---
license: apache-2.0
tags:
- mistral
- 7b
- lora
- fine-tuning
- indic-align
- hindi
- conversational-ai
---

# Dhee-Chat-Hi

A fine-tuned Hindi conversational model based on Mistral-7B-v0.3, optimized for Hindi language understanding and generation.

## Model Details

* **Base Model:** Mistral 7B v0.3
* **Fine-tuning Method:** LoRA (Low-Rank Adaptation)
* **Dataset:** `ai4bharat/indic-align`
* **Language:** Hindi
* **Model ID:** `dheeyantra/Dhee-Chat-Hi`

## Training Configuration

The model was fine-tuned using the following LoRA and training parameters:

### LoRA Parameters:
* `r`: 16
* `target_modules`: ["q_proj", "k_proj", "v_proj", "o_proj", "gate_proj", "up_proj", "down_proj"]
* `lora_alpha`: 16
* `lora_dropout`: 0
* `bias`: "none"
* `use_gradient_checkpointing`: "unsloth"
* `use_rslora`: False
* `loftq_config`: None

### Training Arguments:
* `per_device_train_batch_size`: 1
* `per_device_eval_batch_size`: 1
* `gradient_accumulation_steps`: 4
* `warmup_ratio`: 0.03
* `fp16`: True 
* `optim`: "adamw_8bit"
* `max_seq_length`: 32768
* `dataset_num_proc`: 2
* `packing`: False

## Intended Uses & Limitations

This model is intended for use in Hindi conversational applications, such as chatbots and virtual assistants. As it is fine-tuned on the `ai4bharat/indic-align` dataset, its knowledge and conversational style are primarily shaped by this data.

Limitations:
* The model's responses are based on the patterns and information present in the training data. It may generate incorrect or biased information.
* Performance may vary depending on the complexity and nuance of the input.
* The model is primarily focused on Hindi and may not perform well in other languages or code-mixed scenarios unless explicitly trained for them.

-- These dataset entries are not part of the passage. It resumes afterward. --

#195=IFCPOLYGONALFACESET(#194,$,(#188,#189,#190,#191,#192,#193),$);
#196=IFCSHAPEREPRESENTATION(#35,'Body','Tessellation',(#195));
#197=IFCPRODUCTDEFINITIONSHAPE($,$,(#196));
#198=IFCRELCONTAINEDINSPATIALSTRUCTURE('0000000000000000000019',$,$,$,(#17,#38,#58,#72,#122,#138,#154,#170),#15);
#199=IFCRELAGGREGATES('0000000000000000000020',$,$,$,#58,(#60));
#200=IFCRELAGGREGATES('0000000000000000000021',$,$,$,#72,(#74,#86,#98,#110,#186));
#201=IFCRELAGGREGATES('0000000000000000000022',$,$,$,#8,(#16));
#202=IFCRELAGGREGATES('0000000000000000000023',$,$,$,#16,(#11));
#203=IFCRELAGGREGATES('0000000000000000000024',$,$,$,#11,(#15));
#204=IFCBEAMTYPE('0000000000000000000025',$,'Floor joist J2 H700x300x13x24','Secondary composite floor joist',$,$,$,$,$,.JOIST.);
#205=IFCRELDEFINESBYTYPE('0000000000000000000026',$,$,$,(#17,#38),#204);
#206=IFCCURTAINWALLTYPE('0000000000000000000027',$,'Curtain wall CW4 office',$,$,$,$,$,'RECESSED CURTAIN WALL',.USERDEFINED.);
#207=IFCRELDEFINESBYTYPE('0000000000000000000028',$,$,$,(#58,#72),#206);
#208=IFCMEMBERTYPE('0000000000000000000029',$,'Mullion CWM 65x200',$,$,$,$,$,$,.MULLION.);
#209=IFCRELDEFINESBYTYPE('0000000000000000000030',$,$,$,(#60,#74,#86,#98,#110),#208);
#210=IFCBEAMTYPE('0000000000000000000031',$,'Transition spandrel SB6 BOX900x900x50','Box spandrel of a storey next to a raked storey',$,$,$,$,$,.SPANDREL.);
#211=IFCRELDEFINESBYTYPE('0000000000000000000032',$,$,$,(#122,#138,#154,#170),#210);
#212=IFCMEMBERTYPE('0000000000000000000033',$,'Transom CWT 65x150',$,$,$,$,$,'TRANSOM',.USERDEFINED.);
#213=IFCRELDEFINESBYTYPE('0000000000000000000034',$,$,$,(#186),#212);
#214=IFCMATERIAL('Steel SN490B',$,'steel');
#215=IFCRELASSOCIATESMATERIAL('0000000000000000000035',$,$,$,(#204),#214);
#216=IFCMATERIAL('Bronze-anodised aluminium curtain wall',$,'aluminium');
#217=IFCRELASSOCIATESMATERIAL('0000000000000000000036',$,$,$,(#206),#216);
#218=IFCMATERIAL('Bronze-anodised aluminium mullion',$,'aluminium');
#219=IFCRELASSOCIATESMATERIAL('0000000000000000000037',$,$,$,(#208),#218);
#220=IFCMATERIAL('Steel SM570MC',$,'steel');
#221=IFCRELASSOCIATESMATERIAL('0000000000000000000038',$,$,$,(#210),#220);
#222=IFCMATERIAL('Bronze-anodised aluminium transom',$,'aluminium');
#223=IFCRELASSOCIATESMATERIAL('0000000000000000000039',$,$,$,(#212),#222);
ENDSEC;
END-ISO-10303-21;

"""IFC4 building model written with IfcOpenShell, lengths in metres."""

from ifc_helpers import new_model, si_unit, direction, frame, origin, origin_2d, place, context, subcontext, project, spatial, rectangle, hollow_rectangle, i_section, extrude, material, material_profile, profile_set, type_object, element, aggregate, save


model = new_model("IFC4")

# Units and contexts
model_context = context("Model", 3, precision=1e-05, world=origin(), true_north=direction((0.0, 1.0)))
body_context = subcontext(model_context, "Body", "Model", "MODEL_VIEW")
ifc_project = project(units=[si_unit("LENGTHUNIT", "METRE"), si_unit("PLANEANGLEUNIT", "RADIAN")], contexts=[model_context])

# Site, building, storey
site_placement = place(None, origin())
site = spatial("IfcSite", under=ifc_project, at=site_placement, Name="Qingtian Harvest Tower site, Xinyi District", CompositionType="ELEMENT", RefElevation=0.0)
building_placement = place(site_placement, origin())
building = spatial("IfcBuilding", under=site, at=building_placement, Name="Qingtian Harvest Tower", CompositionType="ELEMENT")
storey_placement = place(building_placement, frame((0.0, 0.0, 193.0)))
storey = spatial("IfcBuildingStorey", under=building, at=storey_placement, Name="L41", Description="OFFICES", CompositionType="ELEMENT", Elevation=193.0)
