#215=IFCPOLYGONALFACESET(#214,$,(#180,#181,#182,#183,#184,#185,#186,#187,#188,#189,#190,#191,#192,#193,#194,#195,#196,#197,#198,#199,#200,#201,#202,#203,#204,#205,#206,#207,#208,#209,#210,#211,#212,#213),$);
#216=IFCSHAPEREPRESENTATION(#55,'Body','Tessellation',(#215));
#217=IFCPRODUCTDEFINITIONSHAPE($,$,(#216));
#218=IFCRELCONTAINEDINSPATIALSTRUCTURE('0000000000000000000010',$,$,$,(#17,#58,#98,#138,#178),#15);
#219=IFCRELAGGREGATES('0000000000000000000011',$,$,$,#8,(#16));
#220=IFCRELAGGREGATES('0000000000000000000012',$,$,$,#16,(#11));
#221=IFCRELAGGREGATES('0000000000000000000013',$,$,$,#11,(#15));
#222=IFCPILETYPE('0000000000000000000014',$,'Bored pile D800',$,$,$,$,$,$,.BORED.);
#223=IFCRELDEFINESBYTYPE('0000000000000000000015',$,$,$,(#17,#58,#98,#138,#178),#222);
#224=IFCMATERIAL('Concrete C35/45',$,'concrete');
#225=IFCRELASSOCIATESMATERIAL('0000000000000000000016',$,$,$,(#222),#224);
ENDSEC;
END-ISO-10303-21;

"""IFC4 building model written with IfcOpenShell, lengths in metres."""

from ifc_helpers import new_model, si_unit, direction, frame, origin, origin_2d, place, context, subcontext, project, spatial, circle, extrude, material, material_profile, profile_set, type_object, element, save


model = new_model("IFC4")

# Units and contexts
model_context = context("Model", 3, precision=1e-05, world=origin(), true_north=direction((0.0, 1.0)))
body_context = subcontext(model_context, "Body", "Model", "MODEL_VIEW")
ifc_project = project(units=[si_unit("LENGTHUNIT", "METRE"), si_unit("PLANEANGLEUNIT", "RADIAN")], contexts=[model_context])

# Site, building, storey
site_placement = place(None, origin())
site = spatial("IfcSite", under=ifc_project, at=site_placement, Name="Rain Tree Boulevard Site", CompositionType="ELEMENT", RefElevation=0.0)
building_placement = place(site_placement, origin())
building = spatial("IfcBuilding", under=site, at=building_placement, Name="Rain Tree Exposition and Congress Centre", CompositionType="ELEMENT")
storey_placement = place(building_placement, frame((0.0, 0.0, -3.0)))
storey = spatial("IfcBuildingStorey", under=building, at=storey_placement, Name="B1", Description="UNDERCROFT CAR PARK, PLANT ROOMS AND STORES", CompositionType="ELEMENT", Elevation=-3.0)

## How to Get Started with Hugging Face Transformers

You can use the following Python code to load and run inference with the `dheeyantra/Dhee-Chat-Hi` model:

```python
from transformers import AutoTokenizer, AutoModelForCausalLM
import torch

model_path = "dheeyantra/Dhee-Chat-Hi"

# Load tokenizer and model
tokenizer = AutoTokenizer.from_pretrained(model_path)
model = AutoModelForCausalLM.from_pretrained(model_path)

# Move model to GPU if available
device = torch.device("cuda" if torch.cuda.is_available() else "cpu")
model.to(device)

# Prepare chat messages
messages = [
    {"role": "User", "content": "कितने वेद हैं?"},
    {"role": "Dhee", "content": "चार वेद हैंः ऋग्वेद, यजुर्वेद, सामवेद और अथर्ववेद।"},
    {"role": "User", "content": "ऋग्वेद के बारे में और बतायें?"}
]

# Apply chat template to get prompt
prompt = tokenizer.apply_chat_template(messages, tokenize=False, add_generation_prompt=True)

# Tokenize prompt
inputs = tokenizer(prompt, return_tensors="pt").to(device)

# Generate output
with torch.no_grad():
    output_ids = model.generate(
        **inputs,
        max_new_tokens=64,
        do_sample=True,
        temperature=0.7,
        top_p=0.95,
        pad_token_id=tokenizer.eos_token_id
    )

# Decode generated text
generated_text = tokenizer.decode(output_ids[0][inputs['input_ids'].shape[-1]:], skip_special_tokens=True)
results = [{"generated_text": generated_text}]

print("Generated text:")
print(results[0]['generated_text'])
```

## Hardware Requirements
This model requires a GPU for efficient inference, especially for longer sequences or interactive applications. The exact VRAM requirements will depend on the sequence length and batch size.

## Disclaimer
This model is provided as-is. Users should be aware of its potential limitations and biases before deploying it in any application. Responsible AI practices should be followed.